Probably worth checking that you can still get the same tiles!

Good luck!


----------



## BoldonLad (4 Nov 2019)

cisamcgu said:


> We have a walk in shower with no doors. A glass screen about 1.5m long on a shower tray that is 2m (same sort of size as a bath). Shower head at the far end and an overhead one as well ..



Yes, we have this solution too. 

When we decided to have bathroom refitted, we went "bathless" on basis that advancing years would eventually mean using bath dangerous and/or impossible. Have not missed bath personally, always used shower anyway. Mrs @BoldonLad occasionally waxes lyrical about having a bath, she has to visit one of daughters....


----------



## slowmotion (4 Nov 2019)

You really must take tanking the walls and floor deadly seriously. Even the slightest leak will lead to some giant fruiting body of a dry rot fungus lurking in the timbers below somewhere down the line.


----------



## Dave7 (4 Nov 2019)

Archie_tect said:


> The waste from a walk-in low threshold shower tray will be fitted under the floor [below the bath outlet connection to the soil stack] unless you go for a raised shower tray to use the existing bath connection, stepping up onto the shower tray by 100mm or so? The setting out of the tiling round the bath looks like the bath is a standard 1700x700 bath- you can get a shower tray that size.
> 
> You can also get shower trays with a curved front edge on the shower head end which will give you a bit more space - the door doesn't need to open fully but that won't matter too much as few people open the door into a room out to 90 degrees anyway [you'd need a door stop on the floor to stop the door's handle smashing the glass. [Mira one 1700x710 - link attached: https://www.victorianplumbing.co.uk/mira-flight-right-hand-walk-in-shower-tray] Click on the product dimensions to see the 1700x710 purchase code- this one's from Victoria Plumb but you can shop around for the cheapest supplier. They'll do a matching shower screen- you won't need a door in or out as the screen will enclose it well enough so splashes won't clear the walk-in part. You can fix a seat to the back wall providing you insert a bracing ply panel behind the plasterboard if it's timber stayed partition before you put the tiles on below the bath edge. If it's a solid wall even better!
> 
> ...


Really good that......many thanks 
The wall is solid brick (ex MOD and everything is solid)
If we cant get the exact same tiles we can use some border tiles.
Good point about the waste. It may HAVE to be a raised base as the conservatory roof will make it difficult to lower access to the stack.
Thanks again**.....some really good points there.
**thanks to all for your ideas.


----------



## Dave7 (4 Nov 2019)

slowmotion said:


> You really must take tanking the walls and floor deadly seriously. Even the slightest leak will lead to some giant fruiting body of a dry rot fungus lurking in the timbers below somewhere down the line.

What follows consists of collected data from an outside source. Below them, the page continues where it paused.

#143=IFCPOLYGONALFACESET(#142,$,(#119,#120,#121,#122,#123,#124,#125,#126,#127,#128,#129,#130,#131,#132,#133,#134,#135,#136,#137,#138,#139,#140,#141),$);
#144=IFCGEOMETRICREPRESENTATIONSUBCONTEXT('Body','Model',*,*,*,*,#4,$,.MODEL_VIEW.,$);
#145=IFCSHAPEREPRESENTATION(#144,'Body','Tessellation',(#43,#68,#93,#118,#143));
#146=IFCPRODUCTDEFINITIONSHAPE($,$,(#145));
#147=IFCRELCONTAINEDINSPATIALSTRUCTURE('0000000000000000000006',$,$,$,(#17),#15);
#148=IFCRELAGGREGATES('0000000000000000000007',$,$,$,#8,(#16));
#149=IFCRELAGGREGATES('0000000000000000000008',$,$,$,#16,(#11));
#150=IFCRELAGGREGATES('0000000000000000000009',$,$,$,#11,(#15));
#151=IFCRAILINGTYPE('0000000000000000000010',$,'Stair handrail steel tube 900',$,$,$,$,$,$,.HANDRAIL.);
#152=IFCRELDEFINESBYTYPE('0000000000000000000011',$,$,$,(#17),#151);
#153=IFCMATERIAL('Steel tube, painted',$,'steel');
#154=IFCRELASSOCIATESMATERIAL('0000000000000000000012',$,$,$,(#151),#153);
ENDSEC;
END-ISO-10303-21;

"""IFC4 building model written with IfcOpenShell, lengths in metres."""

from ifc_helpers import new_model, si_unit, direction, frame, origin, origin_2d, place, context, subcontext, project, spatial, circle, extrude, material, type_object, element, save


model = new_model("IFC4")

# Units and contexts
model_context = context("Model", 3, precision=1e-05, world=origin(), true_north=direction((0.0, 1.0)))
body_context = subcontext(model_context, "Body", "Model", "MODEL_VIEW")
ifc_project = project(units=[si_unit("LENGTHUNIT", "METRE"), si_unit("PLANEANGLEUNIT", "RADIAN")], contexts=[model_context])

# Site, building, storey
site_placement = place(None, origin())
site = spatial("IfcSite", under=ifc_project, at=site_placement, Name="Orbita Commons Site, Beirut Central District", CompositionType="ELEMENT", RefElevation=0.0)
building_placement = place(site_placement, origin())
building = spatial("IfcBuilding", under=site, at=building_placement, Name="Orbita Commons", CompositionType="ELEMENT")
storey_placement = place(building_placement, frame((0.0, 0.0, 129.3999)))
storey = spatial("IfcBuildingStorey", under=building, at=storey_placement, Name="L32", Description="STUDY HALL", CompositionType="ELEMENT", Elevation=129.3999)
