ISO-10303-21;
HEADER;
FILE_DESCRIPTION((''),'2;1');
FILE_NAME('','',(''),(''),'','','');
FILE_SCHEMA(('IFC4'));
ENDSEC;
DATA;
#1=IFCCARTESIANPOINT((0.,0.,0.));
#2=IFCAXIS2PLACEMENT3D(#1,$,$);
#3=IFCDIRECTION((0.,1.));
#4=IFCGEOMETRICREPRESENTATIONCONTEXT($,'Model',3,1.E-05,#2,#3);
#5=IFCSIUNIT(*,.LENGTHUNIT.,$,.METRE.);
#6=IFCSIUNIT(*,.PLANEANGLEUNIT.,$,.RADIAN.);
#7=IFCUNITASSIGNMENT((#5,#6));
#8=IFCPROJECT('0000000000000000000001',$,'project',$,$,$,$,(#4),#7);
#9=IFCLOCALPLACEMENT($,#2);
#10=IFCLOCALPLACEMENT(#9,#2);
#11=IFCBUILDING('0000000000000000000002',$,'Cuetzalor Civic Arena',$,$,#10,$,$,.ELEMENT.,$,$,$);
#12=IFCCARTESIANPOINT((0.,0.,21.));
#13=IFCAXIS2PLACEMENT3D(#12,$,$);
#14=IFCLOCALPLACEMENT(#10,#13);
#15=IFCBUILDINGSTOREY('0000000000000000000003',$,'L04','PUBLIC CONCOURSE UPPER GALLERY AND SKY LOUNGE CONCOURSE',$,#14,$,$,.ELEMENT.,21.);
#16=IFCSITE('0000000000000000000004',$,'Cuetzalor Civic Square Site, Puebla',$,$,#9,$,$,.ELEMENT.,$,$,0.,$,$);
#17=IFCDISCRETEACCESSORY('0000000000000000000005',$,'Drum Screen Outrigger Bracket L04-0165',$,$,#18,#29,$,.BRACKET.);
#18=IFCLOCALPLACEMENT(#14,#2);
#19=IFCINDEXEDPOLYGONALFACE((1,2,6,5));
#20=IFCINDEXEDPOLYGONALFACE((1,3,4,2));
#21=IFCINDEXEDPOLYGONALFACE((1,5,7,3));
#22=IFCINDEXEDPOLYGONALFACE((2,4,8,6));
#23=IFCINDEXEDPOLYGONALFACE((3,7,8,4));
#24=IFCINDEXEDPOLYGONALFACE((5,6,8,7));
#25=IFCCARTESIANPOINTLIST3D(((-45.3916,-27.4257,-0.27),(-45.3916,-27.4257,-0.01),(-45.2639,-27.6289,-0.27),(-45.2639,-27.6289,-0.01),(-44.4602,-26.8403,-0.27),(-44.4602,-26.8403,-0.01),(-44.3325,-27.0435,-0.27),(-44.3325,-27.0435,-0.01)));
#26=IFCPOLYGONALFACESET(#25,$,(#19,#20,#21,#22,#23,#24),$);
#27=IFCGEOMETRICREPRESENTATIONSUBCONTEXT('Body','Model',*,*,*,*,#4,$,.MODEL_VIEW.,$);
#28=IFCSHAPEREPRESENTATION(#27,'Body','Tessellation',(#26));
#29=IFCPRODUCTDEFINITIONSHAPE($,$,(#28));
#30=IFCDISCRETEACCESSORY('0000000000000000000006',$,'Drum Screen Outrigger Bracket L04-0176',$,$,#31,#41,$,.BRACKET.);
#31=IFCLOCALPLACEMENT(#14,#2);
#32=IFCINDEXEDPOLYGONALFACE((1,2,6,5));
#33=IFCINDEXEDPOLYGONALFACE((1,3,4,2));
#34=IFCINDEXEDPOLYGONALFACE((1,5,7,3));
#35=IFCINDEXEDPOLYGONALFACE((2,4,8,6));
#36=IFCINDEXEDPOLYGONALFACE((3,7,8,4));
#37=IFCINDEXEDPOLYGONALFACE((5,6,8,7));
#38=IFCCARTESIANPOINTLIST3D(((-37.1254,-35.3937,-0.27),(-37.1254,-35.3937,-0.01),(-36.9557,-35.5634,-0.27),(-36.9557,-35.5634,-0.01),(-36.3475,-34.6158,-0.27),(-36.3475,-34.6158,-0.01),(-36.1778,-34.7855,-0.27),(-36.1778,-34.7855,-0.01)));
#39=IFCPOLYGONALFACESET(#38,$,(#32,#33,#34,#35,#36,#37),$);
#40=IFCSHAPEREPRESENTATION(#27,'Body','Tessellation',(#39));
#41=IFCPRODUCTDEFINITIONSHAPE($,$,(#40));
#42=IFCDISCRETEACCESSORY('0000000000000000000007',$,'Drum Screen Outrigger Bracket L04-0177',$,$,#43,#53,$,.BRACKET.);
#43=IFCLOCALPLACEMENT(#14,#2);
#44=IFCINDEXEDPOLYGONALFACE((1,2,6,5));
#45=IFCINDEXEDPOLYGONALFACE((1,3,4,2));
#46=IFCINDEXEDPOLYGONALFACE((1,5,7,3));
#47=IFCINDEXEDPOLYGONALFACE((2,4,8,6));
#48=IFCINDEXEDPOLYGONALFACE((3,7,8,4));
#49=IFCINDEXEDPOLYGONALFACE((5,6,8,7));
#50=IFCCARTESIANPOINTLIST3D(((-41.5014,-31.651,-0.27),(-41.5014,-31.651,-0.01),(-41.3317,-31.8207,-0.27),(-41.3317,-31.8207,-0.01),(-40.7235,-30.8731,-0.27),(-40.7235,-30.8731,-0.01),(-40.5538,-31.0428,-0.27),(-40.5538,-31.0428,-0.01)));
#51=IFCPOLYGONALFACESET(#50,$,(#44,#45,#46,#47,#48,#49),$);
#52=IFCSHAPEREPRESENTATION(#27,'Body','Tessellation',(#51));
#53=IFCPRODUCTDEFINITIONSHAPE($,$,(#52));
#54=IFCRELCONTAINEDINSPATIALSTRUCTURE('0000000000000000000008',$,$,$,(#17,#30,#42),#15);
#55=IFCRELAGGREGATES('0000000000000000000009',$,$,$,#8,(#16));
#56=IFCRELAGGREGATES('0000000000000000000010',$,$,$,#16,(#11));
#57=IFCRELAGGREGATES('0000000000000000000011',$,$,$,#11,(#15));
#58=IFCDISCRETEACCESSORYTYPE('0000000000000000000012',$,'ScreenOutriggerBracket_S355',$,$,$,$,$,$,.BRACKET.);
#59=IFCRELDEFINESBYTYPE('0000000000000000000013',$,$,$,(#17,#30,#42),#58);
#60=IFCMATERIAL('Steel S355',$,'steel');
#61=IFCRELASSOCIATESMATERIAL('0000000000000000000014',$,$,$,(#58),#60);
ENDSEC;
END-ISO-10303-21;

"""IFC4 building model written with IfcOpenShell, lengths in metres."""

from ifc_helpers import new_model, si_unit, direction, frame, origin, origin_2d, place, context, subcontext, project, spatial, rectangle, extrude, material, type_object, element, save


model = new_model("IFC4")

# Units and contexts
model_context = context("Model", 3, precision=1e-05, world=origin(), true_north=direction((0.0, 1.0)))
body_context = subcontext(model_context, "Body", "Model", "MODEL_VIEW")
ifc_project = project(units=[si_unit("LENGTHUNIT", "METRE"), si_unit("PLANEANGLEUNIT", "RADIAN")], contexts=[model_context])

# Site, building, storey
site_placement = place(None, origin())
site = spatial("IfcSite", under=ifc_project, at=site_placement, Name="Cuetzalor Civic Square Site, Puebla", CompositionType="ELEMENT", RefElevation=0.0)
building_placement = place(site_placement, origin())
building = spatial("IfcBuilding", under=site, at=building_placement, Name="Cuetzalor Civic Arena", CompositionType="ELEMENT")
storey_placement = place(building_placement, frame((0.0, 0.0, 21.0)))
storey = spatial("IfcBuildingStorey", under=building, at=storey_placement, Name="L04", Description="PUBLIC CONCOURSE UPPER GALLERY AND SKY LOUNGE CONCOURSE", CompositionType="ELEMENT", Elevation=21.0)

# Discrete accessories
ifc_material_1 = material(Name="Steel S355", Category="steel")
discrete_accessory_type = type_object("IfcDiscreteAccessoryType", Name="ScreenOutriggerBracket_S355", PredefinedType="BRACKET", material=ifc_material_1)
for number, where, z_axis, x_axis, name in (
    (1, (-44.8621, -27.2346, -0.27), (0.0, 0.0, 1.0), (-0.846658, -0.532138, 0.0), "Drum Screen Outrigger Bracket L04-0165"),
    (2, (-36.6516, -35.0896, -0.27), (0.0, 0.0, 1.0), (-0.707107, -0.707107, 0.0), "Drum Screen Outrigger Bracket L04-0176"),
    (3, (-41.0276, -31.3469, -0.27), (0.0, 0.0, 1.0), (-0.707107, -0.707107, 0.0), "Drum Screen Outrigger Bracket L04-0177"),
):
    element("IfcDiscreteAccessory", number, at=place(storey_placement, frame(where, z_axis=z_axis, x_axis=x_axis)), inside=storey, type_object=discrete_accessory_type, Name=name, PredefinedType="BRACKET", context=body_context, shape_type="SweptSolid", body=[
        extrude(rectangle(XDim=1.1001, YDim=0.24, at=origin_2d()), origin(), (0.0, 0.0, 1.0), 0.26),
    ])

save(model, "model.ifc")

Thanks.... we wont be going down that route.


----------



## Dave7 (4 Nov 2019)

MODS... .this is a backward step.
I really like CC but really, who is going to come on Cycle Chat then look for home improvements and gardening.
Get it back to what it was when people could choose what/what not to click on.


----------



## classic33 (7 Nov 2019)

Bi-folding door in place of the current door?


----------



## newts (9 Nov 2019)

1700 x 700 walking tray with 900mm glass panel may not keep the water in. A 300mm swivel panel attached to the fixed panel would improve water retention. The 300mm deep run of units at the opposite end reduces access. How about boxing off across the basin end floor to ceiling & 1400 x 700 shower tray with sliding door. You could have inset tiled shelving within the boxing area.


----------



## Bonefish Blues (9 Nov 2019)

I think that even though you're keen not to disturb what you did relatively recently it might actually be more economical to start again and re-plan the whole room. I'd take a floorplan to a bathroom supplier and get their thoughts. It would definitely be easier to tank part of the room, and in our experience, very effective and economical.


----------



## cyberknight (10 Nov 2019)

Im considering going the other way 
looking to move and one property we lke has done the w room but we have young kids so would like a bath put back in


----------



## derrick (10 Nov 2019)

1/4 plate glass with a small return. Works well for us.


----------



## midlife (10 Nov 2019)

Had to double take.... Thought I saw a "soap on a rope".


----------



## neil_merseyside (11 Nov 2019)

My father in law had a bath lift (scissor jack + swivel seat) he had it 5 yrs, an aunt has it now, it'll be about 12 years old now and only its second set of NiCd batteries. Needs lifting out occasionally to clean bio film - or the bath water nuking with suitable 'spa/pool' cleaner. Much easier option as it saves the problem of having to try and seal an after fit tray without tanking and tiling.


----------



## Mart44 (16 Nov 2019)

We converted to a wet-room for disability reasons. I know you say this is decided against but it might be worth reconsidering. if there are already floor to ceiling tiles in place, then all that would be needed is a continuous sealed floor. This might mean taking the bottom row of tiles off so that the floor covering can go beneath the tiles and the tiles then re-fixed over the top the covering (to get a water seal) .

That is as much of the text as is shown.